In Perfect Love and Perfect Jenga!

In Perfect Love and Perfect Jenga!

You might not suspect it at first, but Druidry asks us to give up a lot.

I certainly didn’t expect it when I first began exploring this path way back in college. At the time, I looked on the spiritual work embraced by modern Paganism as an escape — a release and expansion of my creative work. I’d always pursued creative writing as a divine calling. But at last, I wanted to move beyond mere words, beyond the music of poetry that, as beautiful as it was, was still always pressed like dried flowers to the page. I wanted the tools to transform my life itself, body and heart, spirit and mind, into an engaged, living work of art.

Then I came across that quote by Ross Nichols: “Ritual is poetry in the realm of acts.” And I realized, yes, this is what I’d been searching for! The personal ritual, magic, meditation and prayer of Druidry offered me the tools I needed. I felt like a prisoner finding the metallic glint of the jail key buried in her half-eaten birthday cake.

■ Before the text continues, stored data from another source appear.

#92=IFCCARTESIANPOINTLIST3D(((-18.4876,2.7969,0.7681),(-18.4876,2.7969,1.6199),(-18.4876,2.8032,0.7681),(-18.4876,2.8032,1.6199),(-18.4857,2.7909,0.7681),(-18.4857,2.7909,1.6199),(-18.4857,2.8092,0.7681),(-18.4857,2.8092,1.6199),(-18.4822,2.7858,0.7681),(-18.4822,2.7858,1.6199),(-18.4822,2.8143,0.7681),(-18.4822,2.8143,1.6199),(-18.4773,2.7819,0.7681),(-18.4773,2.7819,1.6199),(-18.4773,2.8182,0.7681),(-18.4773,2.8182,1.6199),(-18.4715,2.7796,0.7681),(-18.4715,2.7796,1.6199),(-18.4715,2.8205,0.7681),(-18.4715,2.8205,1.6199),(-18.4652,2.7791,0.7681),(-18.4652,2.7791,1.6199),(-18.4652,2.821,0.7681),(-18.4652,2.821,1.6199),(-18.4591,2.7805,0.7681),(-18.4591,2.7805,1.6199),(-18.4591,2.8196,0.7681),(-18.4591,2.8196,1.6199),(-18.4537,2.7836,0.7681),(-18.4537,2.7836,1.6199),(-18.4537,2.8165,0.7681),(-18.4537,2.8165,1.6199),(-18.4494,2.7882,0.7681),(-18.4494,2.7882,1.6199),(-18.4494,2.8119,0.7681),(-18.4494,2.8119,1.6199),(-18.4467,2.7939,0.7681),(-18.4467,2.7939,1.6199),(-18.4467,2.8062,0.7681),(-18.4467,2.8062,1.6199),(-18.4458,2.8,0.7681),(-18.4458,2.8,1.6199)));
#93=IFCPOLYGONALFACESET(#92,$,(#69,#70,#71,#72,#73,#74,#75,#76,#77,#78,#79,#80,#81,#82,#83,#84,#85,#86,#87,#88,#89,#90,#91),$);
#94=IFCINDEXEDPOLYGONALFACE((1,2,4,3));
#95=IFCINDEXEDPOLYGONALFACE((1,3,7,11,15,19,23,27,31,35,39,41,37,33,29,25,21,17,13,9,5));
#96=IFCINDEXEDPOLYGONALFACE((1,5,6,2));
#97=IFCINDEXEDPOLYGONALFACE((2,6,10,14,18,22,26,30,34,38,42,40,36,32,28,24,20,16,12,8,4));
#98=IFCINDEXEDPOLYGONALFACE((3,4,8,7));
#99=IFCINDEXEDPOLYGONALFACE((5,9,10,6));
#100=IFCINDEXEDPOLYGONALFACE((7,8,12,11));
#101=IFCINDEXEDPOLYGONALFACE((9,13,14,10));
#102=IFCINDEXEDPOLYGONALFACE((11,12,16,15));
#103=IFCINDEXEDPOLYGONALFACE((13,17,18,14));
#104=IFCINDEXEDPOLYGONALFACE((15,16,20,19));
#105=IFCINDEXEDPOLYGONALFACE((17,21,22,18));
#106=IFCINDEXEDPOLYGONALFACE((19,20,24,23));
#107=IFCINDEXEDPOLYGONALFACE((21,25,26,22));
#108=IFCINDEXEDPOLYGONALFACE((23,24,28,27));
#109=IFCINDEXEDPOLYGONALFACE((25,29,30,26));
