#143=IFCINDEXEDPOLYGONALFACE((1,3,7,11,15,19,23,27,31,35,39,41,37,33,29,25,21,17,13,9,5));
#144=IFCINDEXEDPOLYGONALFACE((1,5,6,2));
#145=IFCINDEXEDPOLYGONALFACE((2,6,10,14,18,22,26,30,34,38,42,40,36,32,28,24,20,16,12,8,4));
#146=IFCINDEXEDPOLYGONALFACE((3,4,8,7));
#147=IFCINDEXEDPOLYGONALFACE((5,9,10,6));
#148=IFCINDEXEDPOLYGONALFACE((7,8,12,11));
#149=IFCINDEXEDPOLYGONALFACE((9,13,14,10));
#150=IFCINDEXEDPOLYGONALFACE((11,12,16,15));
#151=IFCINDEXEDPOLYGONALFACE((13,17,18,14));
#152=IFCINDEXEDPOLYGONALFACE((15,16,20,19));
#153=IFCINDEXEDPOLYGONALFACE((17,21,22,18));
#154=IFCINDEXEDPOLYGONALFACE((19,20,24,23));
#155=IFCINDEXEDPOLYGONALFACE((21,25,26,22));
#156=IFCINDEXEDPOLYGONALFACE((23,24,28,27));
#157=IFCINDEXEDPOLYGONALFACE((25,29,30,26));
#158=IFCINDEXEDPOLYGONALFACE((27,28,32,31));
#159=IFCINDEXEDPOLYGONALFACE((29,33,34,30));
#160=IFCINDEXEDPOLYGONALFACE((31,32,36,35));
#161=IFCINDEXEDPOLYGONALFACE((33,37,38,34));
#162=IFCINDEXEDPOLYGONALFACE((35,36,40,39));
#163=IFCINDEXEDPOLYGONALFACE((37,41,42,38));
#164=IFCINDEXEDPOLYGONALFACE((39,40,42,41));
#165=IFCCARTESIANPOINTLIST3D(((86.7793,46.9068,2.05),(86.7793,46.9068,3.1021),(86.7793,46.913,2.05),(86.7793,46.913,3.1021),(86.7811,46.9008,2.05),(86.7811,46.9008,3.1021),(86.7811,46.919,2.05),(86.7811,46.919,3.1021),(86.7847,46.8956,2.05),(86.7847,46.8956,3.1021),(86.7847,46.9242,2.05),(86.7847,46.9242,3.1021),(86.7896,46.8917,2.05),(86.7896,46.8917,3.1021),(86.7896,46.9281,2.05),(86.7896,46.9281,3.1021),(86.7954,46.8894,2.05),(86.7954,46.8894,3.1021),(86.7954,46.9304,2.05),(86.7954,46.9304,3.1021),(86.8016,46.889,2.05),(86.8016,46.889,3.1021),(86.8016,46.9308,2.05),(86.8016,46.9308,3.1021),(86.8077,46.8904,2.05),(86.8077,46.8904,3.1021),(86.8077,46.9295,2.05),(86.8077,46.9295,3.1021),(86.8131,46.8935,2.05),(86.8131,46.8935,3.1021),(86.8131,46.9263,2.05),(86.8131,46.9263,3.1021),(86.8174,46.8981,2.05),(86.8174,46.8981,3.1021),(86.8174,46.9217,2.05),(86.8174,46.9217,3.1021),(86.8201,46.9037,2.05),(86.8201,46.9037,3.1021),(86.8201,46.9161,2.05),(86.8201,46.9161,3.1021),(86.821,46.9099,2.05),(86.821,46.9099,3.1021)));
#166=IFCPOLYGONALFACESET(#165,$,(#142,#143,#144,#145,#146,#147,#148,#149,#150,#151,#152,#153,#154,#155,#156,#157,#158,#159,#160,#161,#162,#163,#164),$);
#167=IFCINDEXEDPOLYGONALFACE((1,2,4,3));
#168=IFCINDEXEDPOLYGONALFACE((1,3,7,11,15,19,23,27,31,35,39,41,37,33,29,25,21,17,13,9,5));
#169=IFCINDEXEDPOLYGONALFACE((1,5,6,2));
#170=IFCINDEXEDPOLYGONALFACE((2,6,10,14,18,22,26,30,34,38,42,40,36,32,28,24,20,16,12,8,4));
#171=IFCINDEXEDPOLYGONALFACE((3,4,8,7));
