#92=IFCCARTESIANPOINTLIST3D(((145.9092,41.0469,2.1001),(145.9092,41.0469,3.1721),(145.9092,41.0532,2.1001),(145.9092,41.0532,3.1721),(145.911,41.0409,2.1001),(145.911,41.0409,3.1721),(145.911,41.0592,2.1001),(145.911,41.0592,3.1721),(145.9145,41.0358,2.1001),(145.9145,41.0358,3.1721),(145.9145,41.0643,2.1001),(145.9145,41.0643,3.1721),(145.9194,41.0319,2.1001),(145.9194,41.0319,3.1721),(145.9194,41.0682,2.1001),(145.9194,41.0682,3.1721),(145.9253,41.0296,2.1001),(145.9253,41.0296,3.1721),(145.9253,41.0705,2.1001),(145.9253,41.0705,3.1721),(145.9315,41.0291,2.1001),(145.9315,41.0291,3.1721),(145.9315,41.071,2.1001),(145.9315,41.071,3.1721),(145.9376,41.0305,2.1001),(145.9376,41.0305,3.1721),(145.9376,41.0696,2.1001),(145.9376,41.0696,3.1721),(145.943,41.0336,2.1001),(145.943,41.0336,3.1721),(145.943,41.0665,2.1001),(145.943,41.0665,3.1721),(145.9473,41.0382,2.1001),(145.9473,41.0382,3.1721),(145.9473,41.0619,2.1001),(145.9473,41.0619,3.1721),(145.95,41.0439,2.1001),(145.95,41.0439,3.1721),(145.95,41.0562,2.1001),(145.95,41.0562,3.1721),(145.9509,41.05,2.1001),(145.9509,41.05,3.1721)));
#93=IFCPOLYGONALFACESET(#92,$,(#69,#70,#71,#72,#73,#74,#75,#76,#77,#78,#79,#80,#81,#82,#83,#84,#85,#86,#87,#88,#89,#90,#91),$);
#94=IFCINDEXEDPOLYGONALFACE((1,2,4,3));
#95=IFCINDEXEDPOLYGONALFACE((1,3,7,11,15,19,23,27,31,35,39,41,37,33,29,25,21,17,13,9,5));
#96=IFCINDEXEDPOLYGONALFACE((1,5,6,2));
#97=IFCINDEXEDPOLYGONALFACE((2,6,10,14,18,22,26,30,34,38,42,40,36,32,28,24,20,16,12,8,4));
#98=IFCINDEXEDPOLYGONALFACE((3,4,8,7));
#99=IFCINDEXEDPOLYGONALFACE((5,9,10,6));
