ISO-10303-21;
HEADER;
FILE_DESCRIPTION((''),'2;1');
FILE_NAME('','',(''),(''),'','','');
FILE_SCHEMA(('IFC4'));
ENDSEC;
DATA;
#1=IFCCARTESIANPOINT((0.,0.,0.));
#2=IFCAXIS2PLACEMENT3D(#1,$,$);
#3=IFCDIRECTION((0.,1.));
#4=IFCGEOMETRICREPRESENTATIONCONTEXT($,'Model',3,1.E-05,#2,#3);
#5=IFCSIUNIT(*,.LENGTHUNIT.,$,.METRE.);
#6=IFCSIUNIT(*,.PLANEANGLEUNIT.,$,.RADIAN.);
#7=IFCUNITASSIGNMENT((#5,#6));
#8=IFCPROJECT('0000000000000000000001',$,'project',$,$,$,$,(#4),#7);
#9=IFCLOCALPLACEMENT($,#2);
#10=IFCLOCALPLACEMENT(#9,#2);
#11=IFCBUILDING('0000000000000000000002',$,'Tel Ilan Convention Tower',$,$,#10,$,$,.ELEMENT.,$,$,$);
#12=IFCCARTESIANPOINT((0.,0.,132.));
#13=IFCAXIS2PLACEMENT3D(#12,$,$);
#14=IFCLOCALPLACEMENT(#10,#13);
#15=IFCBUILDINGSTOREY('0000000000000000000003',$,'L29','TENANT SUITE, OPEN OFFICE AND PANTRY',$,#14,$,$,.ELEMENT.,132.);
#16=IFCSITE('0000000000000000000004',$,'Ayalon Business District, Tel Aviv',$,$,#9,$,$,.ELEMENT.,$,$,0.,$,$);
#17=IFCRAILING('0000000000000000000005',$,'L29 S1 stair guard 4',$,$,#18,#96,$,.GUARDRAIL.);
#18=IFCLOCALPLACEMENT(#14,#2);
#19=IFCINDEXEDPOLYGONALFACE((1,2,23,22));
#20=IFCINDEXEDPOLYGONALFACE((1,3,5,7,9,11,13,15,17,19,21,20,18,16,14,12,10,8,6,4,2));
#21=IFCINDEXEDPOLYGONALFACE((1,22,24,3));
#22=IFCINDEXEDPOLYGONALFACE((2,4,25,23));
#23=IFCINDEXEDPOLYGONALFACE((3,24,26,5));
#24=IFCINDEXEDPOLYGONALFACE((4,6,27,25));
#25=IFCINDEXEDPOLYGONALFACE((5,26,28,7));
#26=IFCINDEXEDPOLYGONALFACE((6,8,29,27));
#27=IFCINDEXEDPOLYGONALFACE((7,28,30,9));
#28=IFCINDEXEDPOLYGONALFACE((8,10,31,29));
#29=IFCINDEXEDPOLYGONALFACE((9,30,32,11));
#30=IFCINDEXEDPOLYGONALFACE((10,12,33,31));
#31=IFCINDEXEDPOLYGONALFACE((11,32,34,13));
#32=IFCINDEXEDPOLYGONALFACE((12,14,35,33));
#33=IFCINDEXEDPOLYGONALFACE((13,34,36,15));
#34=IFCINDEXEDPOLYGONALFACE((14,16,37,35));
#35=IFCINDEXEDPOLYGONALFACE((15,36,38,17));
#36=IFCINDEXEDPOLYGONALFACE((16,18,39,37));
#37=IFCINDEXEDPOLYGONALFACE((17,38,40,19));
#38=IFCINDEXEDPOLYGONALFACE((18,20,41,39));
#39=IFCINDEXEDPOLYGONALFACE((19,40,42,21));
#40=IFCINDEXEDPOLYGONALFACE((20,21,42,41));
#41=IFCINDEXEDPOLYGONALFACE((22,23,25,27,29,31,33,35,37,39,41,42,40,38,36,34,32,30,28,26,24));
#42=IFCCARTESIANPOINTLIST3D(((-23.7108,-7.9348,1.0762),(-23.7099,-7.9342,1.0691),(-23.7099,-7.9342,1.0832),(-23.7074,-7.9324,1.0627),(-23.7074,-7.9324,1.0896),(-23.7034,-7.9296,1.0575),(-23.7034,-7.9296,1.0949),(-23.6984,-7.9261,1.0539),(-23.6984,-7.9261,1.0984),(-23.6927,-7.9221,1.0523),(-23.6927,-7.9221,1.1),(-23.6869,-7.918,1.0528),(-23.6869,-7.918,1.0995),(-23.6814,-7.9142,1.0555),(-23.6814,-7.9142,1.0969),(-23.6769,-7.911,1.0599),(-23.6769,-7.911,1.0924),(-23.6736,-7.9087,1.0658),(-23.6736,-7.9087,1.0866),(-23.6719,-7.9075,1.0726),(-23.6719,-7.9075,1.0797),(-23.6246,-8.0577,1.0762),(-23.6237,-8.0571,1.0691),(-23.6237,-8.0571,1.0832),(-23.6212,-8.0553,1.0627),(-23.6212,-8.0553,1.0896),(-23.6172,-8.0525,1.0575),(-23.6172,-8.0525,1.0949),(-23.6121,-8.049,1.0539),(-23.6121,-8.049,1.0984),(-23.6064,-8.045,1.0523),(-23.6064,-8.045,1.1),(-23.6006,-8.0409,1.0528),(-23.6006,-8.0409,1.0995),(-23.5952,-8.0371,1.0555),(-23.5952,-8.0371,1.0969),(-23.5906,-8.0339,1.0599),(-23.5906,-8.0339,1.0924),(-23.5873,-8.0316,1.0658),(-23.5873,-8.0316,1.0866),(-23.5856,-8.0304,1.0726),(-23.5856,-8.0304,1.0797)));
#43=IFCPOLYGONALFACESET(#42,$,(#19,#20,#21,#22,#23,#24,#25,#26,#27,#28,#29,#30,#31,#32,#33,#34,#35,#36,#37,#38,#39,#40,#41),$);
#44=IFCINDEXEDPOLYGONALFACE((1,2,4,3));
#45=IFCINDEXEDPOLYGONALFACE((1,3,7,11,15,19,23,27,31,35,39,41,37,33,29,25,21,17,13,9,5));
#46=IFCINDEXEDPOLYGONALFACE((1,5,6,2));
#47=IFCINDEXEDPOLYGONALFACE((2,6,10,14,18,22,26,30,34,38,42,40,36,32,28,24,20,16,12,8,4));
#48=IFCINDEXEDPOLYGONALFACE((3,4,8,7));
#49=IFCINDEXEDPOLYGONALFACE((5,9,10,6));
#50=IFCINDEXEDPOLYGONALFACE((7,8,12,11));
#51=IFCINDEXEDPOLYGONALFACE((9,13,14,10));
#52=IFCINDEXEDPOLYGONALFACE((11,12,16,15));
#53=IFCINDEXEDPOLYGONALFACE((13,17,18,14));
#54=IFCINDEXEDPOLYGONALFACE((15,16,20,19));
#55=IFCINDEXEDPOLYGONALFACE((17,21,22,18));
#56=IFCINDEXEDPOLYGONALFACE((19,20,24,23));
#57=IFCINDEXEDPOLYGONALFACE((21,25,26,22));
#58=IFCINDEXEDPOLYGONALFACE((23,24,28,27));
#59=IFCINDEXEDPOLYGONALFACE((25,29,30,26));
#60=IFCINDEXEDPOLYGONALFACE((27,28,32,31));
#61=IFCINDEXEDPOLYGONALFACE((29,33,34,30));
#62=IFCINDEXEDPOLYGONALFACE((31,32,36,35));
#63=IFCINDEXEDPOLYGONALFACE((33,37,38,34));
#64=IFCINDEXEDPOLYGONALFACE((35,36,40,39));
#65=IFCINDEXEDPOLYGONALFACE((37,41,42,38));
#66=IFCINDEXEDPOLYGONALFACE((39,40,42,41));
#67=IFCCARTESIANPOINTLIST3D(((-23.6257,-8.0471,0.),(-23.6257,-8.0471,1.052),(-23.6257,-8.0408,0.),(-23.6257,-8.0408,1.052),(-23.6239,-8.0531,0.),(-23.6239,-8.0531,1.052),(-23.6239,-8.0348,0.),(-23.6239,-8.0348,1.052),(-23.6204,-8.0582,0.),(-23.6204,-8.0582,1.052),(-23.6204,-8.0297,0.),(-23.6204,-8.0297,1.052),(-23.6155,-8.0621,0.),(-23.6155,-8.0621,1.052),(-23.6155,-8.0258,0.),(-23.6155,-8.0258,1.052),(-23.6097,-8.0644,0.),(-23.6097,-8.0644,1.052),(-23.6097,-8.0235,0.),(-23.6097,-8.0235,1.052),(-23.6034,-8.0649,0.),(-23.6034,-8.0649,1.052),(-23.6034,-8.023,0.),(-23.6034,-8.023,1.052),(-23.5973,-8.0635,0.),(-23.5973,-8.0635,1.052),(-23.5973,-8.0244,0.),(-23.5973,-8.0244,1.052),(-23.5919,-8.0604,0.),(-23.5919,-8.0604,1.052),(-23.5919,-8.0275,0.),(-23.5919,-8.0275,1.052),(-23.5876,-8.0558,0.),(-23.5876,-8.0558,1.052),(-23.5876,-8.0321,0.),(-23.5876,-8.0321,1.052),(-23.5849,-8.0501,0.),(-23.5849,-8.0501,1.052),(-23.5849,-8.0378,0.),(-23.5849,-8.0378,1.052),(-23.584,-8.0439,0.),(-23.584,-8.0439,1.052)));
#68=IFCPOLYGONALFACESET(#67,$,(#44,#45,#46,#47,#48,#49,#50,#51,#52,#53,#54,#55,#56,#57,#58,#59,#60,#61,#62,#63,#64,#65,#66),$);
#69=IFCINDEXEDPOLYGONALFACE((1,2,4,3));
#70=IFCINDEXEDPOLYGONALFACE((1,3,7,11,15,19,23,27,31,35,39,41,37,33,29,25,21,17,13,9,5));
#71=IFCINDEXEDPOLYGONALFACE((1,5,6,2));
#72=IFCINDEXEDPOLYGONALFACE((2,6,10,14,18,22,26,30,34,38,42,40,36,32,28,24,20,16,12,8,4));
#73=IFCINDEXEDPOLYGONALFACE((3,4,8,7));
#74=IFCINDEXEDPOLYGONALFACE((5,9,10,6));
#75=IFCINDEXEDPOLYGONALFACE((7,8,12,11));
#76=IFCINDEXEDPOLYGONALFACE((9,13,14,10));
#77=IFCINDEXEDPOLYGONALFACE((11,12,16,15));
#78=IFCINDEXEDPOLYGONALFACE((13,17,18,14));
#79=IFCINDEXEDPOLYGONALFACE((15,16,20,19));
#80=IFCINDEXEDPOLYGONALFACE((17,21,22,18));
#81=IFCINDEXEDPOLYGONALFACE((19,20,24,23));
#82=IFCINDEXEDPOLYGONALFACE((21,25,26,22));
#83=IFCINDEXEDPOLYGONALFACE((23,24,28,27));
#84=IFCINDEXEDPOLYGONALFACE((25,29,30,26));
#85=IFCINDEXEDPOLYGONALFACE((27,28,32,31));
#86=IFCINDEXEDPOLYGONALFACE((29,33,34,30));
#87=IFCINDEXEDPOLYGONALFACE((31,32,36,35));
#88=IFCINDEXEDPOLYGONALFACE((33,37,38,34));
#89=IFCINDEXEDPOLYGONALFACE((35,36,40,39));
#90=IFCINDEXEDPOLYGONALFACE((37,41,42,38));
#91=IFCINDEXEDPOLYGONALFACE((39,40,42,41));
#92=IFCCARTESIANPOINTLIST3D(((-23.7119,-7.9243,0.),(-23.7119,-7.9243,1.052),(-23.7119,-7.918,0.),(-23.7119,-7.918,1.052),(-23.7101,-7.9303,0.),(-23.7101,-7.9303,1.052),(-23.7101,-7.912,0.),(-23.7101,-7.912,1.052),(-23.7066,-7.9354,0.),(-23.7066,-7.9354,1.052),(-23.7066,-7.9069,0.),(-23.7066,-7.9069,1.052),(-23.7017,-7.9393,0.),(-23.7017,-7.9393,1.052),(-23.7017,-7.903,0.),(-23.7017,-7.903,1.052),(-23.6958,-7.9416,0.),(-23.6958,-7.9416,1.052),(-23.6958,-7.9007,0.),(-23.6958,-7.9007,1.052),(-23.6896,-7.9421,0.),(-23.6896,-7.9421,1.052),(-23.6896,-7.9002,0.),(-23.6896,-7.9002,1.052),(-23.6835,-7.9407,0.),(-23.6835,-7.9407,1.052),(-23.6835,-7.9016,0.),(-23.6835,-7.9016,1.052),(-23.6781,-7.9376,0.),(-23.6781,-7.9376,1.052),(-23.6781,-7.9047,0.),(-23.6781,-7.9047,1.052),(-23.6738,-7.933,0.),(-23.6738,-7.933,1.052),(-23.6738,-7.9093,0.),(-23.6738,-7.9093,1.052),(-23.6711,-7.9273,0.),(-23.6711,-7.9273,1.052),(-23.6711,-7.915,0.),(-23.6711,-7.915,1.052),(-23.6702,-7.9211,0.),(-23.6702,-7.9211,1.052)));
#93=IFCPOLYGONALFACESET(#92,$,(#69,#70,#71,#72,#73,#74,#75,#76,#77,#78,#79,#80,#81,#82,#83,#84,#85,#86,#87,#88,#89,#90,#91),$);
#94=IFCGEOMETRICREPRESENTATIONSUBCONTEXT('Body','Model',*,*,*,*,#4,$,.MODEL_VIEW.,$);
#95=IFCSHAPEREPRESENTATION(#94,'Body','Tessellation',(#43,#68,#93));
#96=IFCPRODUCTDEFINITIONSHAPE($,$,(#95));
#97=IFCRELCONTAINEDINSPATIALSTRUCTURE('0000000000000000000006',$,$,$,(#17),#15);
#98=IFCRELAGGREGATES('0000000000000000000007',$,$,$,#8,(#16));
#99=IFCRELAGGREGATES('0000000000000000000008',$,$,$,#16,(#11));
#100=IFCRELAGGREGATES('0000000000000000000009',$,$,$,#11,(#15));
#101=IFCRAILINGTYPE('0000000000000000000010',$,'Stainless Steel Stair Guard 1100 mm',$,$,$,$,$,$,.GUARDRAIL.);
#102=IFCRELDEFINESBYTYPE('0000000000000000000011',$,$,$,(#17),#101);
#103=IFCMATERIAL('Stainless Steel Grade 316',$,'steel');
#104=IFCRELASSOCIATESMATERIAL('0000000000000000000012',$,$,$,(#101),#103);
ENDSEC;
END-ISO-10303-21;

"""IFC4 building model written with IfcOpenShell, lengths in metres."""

from ifc_helpers import new_model, si_unit, direction, frame, origin, origin_2d, place, context, subcontext, project, spatial, circle, extrude, material, type_object, element, save


model = new_model("IFC4")

# Units and contexts
model_context = context("Model", 3, precision=1e-05, world=origin(), true_north=direction((0.0, 1.0)))
body_context = subcontext(model_context, "Body", "Model", "MODEL_VIEW")
ifc_project = project(units=[si_unit("LENGTHUNIT", "METRE"), si_unit("PLANEANGLEUNIT", "RADIAN")], contexts=[model_context])

# Site, building, storey
site_placement = place(None, origin())
site = spatial("IfcSite", under=ifc_project, at=site_placement, Name="Ayalon Business District, Tel Aviv", CompositionType="ELEMENT", RefElevation=0.0)
building_placement = place(site_placement, origin())
building = spatial("IfcBuilding", under=site, at=building_placement, Name="Tel Ilan Convention Tower", CompositionType="ELEMENT")
storey_placement = place(building_placement, frame((0.0, 0.0, 132.0)))
storey = spatial("IfcBuildingStorey", under=building, at=storey_placement, Name="L29", Description="TENANT SUITE, OPEN OFFICE AND PANTRY", CompositionType="ELEMENT", Elevation=132.0)

# Railing
ifc_material_1 = material(Name="Stainless Steel Grade 316", Category="steel")
railing_type_1 = type_object("IfcRailingType", Name="Stainless Steel Stair Guard 1100 mm", PredefinedType="GUARDRAIL", material=ifc_material_1)
railing_1_placement = place(storey_placement, frame((-23.605, -8.0439, 0.0)))
element("IfcRailing", 1, at=railing_1_placement, inside=storey, type_object=railing_type_1, Name="L29 S1 stair guard 4", PredefinedType="GUARDRAIL", context=body_context, shape_type="SweptSolid", body=[
    extrude(circle(Radius=0.0239, at=origin_2d()), frame((0.0, 0.0, 1.0762), z_axis=(-0.574445, 0.818543, 0.0), x_axis=(-0.818543, -0.574445, 0.0)), (0.0, 0.0, 1.0), 0.1501),
    extrude(circle(Radius=0.021, at=origin_2d()), origin(), (0.0, 0.0, 1.0), 1.052),
    extrude(circle(Radius=0.021, at=origin_2d()), frame((-0.0862, 0.1228, 0.0)), (0.0, 0.0, 1.0), 1.052),
])

save(model, "model.ifc")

I should have seen the inevitable coming. If poetry had taught me anything in all those years, it was about the tension and beauty of limits: those perfectly crafted lines and stanzas, the concise brute force of a few words juxtaposed. All that is not infinite has its limits, this is not a bad thing. It’s nature. Limitation is so often descried, equated with restriction and censorship; but limit is only the daughter of form, that’s all.

Druidry is, in part, about learning our own limits, celebrating our form and seeking out our boundaries, the edges of our sacred space, our nemeton. Without a sense of the beauty that resides in the liminal, along the edges of finite things, how can we know real intimacy? How will we know the lingering thrill of allowing others in, or reaching out tentatively beyond ourselves?

Druidry encourages us to listen to the Oran Mor, the Song of the World — to let its changing moods and rich complexities move us in turn. Music has form; a song has limits. It has scale and progression, it has shape and movement and moments of silence. When we sing together, our voices in tune, our bodies become vessels sharing a vibration in the most literal sense. We move together. We share an imperceptible boundary that buzzes and blurs.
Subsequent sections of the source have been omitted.